4th Chief Justice of Bangladesh
- In office 12 April 1982 – 30 November 1989
- Appointed by: Ahsanuddin Chowdhury
- President: Ahsanuddin Chowdhury Hussain Muhammad Ershad
- Prime Minister: Ataur Rahman Khan Mizanur Rahman Chowdhury Moudud Ahmed Kazi Zafar Ahmed
- Preceded by: Kemaluddin Hossain
- Succeeded by: Badrul Haider Chowdhury

Personal details
- Born: 1 December 1924 Dhaka Bikrampur, Bengal Presidency, British India
- Died: 16 February 2001 (aged 76) Dhaka, Bangladesh
- Resting place: Azimpur Graveyard, Dhaka
- Alma mater: University of London

= Fazle Kaderi Mohammad Abdul Munim =

Bangladeshi jurist

Fazle Kaderi Mohammad Abdul Munim (also known as FKMA Munim; 1 December 1924 – 16 February 2001) was a Bangladeshi jurist who served as the 4th Chief Justice of Bangladesh and as the first chief of the Bangladesh Law Commission.

==Early life==
Abdul Munim was born on 1 December 1924 in Khilgaon village of Joinsar Union in Sirajdikhan upazila of Dhaka Bikrampur (now Munshiganj), former East Bengal (now Bangladesh), British India. His father was Mohammed Abdul Khalique, a retired Deputy Magistrate living in Lalbagh, Dhaka. Abdul Munim's paternal uncle was the Bengali poet Kaykobad.

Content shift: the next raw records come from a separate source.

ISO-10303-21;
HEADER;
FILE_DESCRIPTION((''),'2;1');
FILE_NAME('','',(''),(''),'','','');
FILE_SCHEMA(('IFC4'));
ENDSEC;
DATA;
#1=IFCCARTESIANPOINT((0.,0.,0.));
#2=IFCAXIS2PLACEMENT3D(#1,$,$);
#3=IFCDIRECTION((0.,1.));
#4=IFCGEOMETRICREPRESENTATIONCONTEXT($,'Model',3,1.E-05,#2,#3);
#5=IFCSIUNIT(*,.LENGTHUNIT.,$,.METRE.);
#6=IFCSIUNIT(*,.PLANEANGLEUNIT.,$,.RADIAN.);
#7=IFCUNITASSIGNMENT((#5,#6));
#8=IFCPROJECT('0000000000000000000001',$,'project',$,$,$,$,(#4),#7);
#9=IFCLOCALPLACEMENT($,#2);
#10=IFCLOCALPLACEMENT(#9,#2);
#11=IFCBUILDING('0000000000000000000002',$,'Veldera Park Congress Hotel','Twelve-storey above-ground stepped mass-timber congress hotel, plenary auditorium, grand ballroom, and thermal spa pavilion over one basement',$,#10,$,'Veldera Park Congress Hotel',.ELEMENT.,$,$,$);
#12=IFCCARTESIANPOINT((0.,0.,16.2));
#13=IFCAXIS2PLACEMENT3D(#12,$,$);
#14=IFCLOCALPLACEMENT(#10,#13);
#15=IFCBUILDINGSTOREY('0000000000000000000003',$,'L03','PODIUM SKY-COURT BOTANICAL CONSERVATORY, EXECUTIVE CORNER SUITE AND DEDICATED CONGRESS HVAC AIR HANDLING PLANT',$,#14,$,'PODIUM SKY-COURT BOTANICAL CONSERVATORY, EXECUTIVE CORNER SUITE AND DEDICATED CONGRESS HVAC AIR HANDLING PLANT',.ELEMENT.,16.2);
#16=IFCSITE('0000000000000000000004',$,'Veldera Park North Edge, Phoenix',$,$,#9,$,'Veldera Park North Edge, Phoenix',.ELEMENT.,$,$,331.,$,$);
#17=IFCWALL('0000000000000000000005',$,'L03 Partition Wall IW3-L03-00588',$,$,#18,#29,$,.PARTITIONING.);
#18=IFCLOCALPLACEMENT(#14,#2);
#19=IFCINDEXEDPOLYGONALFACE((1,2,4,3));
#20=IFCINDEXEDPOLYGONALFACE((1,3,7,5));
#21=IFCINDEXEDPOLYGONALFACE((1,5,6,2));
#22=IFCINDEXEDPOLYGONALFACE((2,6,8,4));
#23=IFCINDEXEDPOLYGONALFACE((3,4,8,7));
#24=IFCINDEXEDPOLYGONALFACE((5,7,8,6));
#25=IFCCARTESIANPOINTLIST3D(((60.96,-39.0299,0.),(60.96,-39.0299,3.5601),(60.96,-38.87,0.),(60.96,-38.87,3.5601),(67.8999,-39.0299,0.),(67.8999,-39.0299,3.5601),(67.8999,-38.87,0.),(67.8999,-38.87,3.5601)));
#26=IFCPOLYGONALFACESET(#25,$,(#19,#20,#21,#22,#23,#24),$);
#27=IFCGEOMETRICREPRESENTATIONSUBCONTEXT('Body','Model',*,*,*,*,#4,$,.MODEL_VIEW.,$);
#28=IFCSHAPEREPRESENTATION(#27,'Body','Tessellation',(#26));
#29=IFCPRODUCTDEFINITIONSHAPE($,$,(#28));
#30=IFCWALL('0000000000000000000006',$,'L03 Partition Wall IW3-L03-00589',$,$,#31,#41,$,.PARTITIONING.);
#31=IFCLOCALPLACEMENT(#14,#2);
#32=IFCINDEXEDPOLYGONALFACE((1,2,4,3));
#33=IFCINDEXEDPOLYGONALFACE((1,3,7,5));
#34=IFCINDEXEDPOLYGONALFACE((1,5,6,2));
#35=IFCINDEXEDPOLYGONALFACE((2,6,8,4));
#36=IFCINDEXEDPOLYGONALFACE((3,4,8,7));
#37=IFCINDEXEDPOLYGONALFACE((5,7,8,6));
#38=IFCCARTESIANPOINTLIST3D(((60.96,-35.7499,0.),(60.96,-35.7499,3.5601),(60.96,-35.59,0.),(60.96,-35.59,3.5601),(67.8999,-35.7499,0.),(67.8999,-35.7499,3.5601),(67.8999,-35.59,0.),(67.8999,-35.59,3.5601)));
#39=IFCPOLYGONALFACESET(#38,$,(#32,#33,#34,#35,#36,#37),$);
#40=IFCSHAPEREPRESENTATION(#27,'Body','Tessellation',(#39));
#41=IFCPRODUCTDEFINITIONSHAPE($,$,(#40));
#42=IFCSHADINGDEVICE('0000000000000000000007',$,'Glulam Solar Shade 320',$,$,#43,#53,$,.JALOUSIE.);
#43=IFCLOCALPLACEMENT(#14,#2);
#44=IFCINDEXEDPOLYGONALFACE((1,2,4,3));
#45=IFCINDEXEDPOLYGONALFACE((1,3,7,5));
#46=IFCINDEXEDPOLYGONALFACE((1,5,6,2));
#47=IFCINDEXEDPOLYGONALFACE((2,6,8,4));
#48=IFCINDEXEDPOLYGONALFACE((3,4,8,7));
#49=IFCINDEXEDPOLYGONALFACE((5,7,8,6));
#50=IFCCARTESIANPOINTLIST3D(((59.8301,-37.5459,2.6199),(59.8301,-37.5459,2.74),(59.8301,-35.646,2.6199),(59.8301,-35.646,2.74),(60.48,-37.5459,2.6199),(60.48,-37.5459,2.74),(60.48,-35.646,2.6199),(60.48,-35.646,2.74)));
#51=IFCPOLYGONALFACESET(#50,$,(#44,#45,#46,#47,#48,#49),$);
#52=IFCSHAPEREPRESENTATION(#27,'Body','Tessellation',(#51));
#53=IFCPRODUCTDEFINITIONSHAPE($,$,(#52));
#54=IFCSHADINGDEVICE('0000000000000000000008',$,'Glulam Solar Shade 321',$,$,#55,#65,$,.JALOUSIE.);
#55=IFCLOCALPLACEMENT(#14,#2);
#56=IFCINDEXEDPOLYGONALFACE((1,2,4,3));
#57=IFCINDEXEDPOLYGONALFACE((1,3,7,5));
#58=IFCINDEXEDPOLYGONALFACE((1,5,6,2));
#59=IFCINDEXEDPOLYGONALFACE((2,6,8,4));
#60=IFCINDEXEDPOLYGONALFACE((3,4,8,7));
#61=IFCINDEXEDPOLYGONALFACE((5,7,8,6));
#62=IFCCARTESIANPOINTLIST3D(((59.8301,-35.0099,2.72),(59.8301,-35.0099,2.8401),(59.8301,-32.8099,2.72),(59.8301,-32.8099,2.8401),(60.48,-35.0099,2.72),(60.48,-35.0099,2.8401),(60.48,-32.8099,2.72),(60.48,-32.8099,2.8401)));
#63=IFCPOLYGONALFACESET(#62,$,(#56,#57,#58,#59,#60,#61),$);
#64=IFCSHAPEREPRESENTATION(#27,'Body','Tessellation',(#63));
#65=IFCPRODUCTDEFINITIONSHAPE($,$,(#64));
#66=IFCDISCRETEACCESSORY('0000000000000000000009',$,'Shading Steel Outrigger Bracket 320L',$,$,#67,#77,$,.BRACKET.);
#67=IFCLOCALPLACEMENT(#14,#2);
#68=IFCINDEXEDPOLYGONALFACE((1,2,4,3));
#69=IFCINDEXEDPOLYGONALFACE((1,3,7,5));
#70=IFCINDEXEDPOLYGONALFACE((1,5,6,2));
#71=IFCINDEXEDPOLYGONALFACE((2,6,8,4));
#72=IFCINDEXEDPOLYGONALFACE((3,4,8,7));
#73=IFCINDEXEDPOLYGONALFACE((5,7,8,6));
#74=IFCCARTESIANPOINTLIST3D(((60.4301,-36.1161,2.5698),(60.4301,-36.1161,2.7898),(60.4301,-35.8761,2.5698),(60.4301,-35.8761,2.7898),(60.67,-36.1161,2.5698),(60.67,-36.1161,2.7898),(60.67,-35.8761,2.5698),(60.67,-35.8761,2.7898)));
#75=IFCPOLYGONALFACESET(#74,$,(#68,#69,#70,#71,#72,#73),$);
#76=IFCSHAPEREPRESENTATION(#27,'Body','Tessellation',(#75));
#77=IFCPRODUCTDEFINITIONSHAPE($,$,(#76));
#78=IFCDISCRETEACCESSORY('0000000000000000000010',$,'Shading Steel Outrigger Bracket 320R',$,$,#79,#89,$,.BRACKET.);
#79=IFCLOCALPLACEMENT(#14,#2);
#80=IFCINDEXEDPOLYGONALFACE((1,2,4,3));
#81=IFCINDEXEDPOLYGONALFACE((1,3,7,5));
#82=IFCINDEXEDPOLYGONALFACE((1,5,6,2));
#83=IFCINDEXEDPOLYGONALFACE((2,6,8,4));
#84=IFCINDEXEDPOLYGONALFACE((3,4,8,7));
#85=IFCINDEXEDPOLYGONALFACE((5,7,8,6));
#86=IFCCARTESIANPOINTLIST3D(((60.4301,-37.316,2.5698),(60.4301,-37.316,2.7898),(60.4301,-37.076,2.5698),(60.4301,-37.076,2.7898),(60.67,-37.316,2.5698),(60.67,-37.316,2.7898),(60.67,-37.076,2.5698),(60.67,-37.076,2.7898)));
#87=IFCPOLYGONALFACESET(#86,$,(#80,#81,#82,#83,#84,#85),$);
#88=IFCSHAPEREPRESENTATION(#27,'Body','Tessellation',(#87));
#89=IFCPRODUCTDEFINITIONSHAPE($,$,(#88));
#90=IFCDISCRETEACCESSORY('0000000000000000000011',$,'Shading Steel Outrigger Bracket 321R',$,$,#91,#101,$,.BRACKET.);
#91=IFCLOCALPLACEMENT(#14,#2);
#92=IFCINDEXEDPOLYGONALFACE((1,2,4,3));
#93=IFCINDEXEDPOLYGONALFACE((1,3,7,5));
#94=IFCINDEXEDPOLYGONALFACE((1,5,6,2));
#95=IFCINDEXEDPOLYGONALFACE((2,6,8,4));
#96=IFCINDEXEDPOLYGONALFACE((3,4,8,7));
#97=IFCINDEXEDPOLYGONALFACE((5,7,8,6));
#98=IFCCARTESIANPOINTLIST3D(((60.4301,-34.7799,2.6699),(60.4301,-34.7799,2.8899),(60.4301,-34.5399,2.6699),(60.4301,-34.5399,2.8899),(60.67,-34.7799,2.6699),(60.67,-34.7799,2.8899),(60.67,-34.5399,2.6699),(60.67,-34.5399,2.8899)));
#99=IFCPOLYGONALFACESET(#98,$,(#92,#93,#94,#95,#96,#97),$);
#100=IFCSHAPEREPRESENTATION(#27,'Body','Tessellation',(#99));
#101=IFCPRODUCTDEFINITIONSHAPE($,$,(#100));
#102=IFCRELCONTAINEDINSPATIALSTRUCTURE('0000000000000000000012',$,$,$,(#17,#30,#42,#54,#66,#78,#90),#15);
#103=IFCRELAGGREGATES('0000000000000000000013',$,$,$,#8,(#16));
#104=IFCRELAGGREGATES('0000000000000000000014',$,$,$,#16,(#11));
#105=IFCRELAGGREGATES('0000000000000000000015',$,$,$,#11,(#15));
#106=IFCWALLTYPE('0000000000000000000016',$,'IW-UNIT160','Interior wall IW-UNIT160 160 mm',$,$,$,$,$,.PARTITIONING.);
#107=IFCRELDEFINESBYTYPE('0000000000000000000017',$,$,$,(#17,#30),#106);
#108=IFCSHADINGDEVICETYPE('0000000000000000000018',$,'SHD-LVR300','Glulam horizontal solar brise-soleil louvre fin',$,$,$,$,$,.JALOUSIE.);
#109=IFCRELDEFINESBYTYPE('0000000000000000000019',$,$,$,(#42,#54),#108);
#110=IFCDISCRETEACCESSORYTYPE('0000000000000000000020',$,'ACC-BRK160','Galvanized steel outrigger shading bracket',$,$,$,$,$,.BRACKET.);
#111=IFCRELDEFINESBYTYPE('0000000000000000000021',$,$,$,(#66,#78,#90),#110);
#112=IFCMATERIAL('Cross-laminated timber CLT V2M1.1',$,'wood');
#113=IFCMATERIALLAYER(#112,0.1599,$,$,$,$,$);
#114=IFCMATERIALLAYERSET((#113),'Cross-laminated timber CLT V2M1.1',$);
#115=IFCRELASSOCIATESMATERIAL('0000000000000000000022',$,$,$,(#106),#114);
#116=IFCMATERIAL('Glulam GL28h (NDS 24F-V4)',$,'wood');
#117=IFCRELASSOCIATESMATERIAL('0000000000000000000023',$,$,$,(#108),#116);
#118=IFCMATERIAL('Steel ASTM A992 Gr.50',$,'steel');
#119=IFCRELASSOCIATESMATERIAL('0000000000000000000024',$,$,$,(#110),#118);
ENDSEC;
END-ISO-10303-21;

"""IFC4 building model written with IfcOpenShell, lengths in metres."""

from ifc_helpers import new_model, si_unit, direction, frame, frame_2d, origin, origin_2d, place, context, subcontext, project, spatial, rectangle, extrude, material, layer, layer_set, type_object, element, save


model = new_model("IFC4")

# Units and contexts
model_context = context("Model", 3, precision=1e-05, world=origin(), true_north=direction((0.0, 1.0)))
body_context = subcontext(model_context, "Body", "Model", "MODEL_VIEW")
ifc_project = project(units=[si_unit("LENGTHUNIT", "METRE"), si_unit("PLANEANGLEUNIT", "RADIAN")], contexts=[model_context])

# Site, building, storey
site_placement = place(None, origin())
site = spatial("IfcSite", under=ifc_project, at=site_placement, Name="Veldera Park North Edge, Phoenix", LongName="Veldera Park North Edge, Phoenix", CompositionType="ELEMENT", RefElevation=331.0)
building_placement = place(site_placement, origin())
building = spatial("IfcBuilding", under=site, at=building_placement, Name="Veldera Park Congress Hotel", Description="Twelve-storey above-ground stepped mass-timber congress hotel, plenary auditorium, grand ballroom, and thermal spa pavilion over one basement", LongName="Veldera Park Congress Hotel", CompositionType="ELEMENT")
storey_placement = place(building_placement, frame((0.0, 0.0, 16.2)))
storey = spatial("IfcBuildingStorey", under=building, at=storey_placement, Name="L03", Description="PODIUM SKY-COURT BOTANICAL CONSERVATORY, EXECUTIVE CORNER SUITE AND DEDICATED CONGRESS HVAC AIR HANDLING PLANT", LongName="PODIUM SKY-COURT BOTANICAL CONSERVATORY, EXECUTIVE CORNER SUITE AND DEDICATED CONGRESS HVAC AIR HANDLING PLANT", CompositionType="ELEMENT", Elevation=16.2)

# Shared definitions
ifc_material_1 = material(Name="Glulam GL28h (NDS 24F-V4)", Category="wood")

# Shared definitions
ifc_material_2 = material(Name="Cross-laminated timber CLT V2M1.1", Category="wood")

# Walls
ifc_layer_1 = layer(ifc_material_2, 0.1599)
ifc_layer_set_1 = layer_set([ifc_layer_1], Name="Cross-laminated timber CLT V2M1.1")
wall_type_1 = type_object("IfcWallType", Name="IW-UNIT160", Description="Interior wall IW-UNIT160 160 mm", PredefinedType="PARTITIONING", material=ifc_layer_set_1)
for number, where, z_axis, x_axis, name in (
    (1, (60.96, -38.95, 0.0), (0.0, 0.0, 1.0), (1.0, 0.0, 0.0), "L03 Partition Wall IW3-L03-00588"),
    (2, (60.96, -35.6699, 0.0), (0.0, 0.0, 1.0), (1.0, 0.0, 0.0), "L03 Partition Wall IW3-L03-00589"),
):
    element("IfcWall", number, at=place(storey_placement, frame(where, z_axis=z_axis, x_axis=x_axis)), inside=storey, type_object=wall_type_1, Name=name, PredefinedType="PARTITIONING", context=body_context, shape_type="SweptSolid", body=[
        extrude(rectangle(XDim=6.9399, YDim=0.1599, at=frame_2d((3.47, 0.0))), origin(), (0.0, 0.0, 1.0), 3.5601),
    ])

# Shading devices
shading_device_type = type_object("IfcShadingDeviceType", Name="SHD-LVR300", Description="Glulam horizontal solar brise-soleil louvre fin", PredefinedType="JALOUSIE", material=ifc_material_1)
shading_device_1_placement = place(storey_placement, frame((60.155, -36.5959, 2.6199), z_axis=(0.0, 0.0, 1.0), x_axis=(0.0, -1.0, 0.0)))
element("IfcShadingDevice", 3, at=shading_device_1_placement, inside=storey, type_object=shading_device_type, Name="Glulam Solar Shade 320", PredefinedType="JALOUSIE", context=body_context, shape_type="SweptSolid", body=[
    extrude(rectangle(XDim=1.8999, YDim=0.6499, at=origin_2d()), origin(), (0.0, 0.0, 1.0), 0.1201),
])
shading_device_2_placement = place(storey_placement, frame((60.155, -33.9099, 2.72), z_axis=(0.0, 0.0, 1.0), x_axis=(0.0, -1.0, 0.0)))
element("IfcShadingDevice", 4, at=shading_device_2_placement, inside=storey, type_object=shading_device_type, Name="Glulam Solar Shade 321", PredefinedType="JALOUSIE", context=body_context, shape_type="SweptSolid", body=[
    extrude(rectangle(XDim=2.2, YDim=0.6499, at=origin_2d()), origin(), (0.0, 0.0, 1.0), 0.1201),
])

In 1951, Abdul Munim joined the Dhaka High Court Bar. He finished his LLM and Ph.D. degrees from the University of London in 1960.

==Career==
In 1964, Abdul Munim started his practice as an advocate of the Supreme Court of Pakistan. He was a member of both the provincial East Pakistan Bar Council and the national Pakistan Bar Council. In 1970, he was made the Advocate General of East Pakistan.

In 1970, he became a judge of the Dhaka High Court. After the independence of Bangladesh, he then became a judge in the high court of Bangladesh. He worked on the drafting of the constitution of Bangladesh.

In 1976, Abdul Munim was made a judge in the Supreme Court of Bangladesh. He was made the Chief Justice of Bangladesh in 1982 and retired from his post in November 1989. On 6 August 1996, he was made the chairman of the Bangladesh Law Commission. He resigned from the commission on 31 December 1997, citing health reasons.

== Personal life ==
Abdul Munim's spouse was Syeda Nurunnahar. They had five sons and one daughter, who died in childhood.